雷鳴一臉吃驚,這是海冬第一次談起她的身世,他沒有想到,海冬竟然是一個二品大員的女兒,正經的千金小姐。

“海青松,這個名字我怎麽覺得好熟悉,好像在哪裏聽過。”

海冬看著雷鳴,嘴角露出一抹苦笑,“說名字你可能只是熟悉,若是提到當年發生的事,你一定會記得。”

“什麽事?”

“十二年前,一件轟動朝堂的朋黨案,吏部侍郎海青松利用職位之便,害死頂頭上司吏部尚書劉雲鶴,有招攬朋黨,把持半個吏部為自己所用,而後被劉雲鶴的家人當街攔駕告禦狀,皇上聽聞後勃然大怒,下令徹查此事,最後查清全是海青松一人所為,當即賜下聖旨,海家四十八口人斬立決。”

海冬雖然是回憶這些事,那握著被角的手卻仍然瑟瑟發抖。

雷鳴見此上前握住海冬的手,“可怕就不要在說了。”

十二年前,他想起來了,那年他才八歲,那個時候他剛從軍營回到歷都,對於歷都的事他並不是特別熟悉,但是那一次,正好趕上歷都菜市口斬首犯人,當時爹還感嘆說一個清官被害了,聽著後人議論,那人好像就是叫海青松。

海冬搖了搖頭,“我沒事。”

“當年爹爹和娘知道他們逃脫不了,所以趁亂讓海叔和海嬸帶我離開,之後海叔和海嬸便帶我一直逃亡。

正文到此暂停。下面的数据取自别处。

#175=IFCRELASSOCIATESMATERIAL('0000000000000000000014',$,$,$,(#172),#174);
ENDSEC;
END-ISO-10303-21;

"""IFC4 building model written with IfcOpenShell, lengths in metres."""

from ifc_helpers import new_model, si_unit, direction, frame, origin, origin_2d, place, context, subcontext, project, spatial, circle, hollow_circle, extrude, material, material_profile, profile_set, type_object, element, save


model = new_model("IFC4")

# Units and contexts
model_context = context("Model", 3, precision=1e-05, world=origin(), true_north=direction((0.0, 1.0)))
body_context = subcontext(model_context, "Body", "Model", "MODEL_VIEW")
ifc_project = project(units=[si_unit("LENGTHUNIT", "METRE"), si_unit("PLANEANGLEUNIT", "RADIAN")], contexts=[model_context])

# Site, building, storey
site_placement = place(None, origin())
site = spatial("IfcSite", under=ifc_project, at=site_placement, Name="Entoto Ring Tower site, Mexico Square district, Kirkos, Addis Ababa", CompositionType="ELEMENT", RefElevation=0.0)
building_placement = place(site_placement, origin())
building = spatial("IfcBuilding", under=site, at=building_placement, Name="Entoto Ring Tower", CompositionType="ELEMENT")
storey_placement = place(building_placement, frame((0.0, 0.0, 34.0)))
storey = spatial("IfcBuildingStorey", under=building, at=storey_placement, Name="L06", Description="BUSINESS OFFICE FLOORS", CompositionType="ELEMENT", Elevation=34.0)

”

“那你大哥?”

海冬視線看向窗外,“大哥時年十四歲,本就天資聰穎的他,成為了歷都第一個少年舉人,大哥本想繼續科舉,同年直接下場科考,可是爹爹卻認為,哥哥年幼,又太過聰明,會招來別人的嫉妒,所以讓的大哥在家裏多待兩年,然後在去下場考試,可誰都沒有想到大哥竟然會留書出走,爹爹知道後雖然生氣,但是也隨大哥的意了,可是大哥離開沒有多久,家裏收到信息,說大哥失蹤了,爹爹本來要派人去查,沒有想到人還沒有離開,聖旨就到了。”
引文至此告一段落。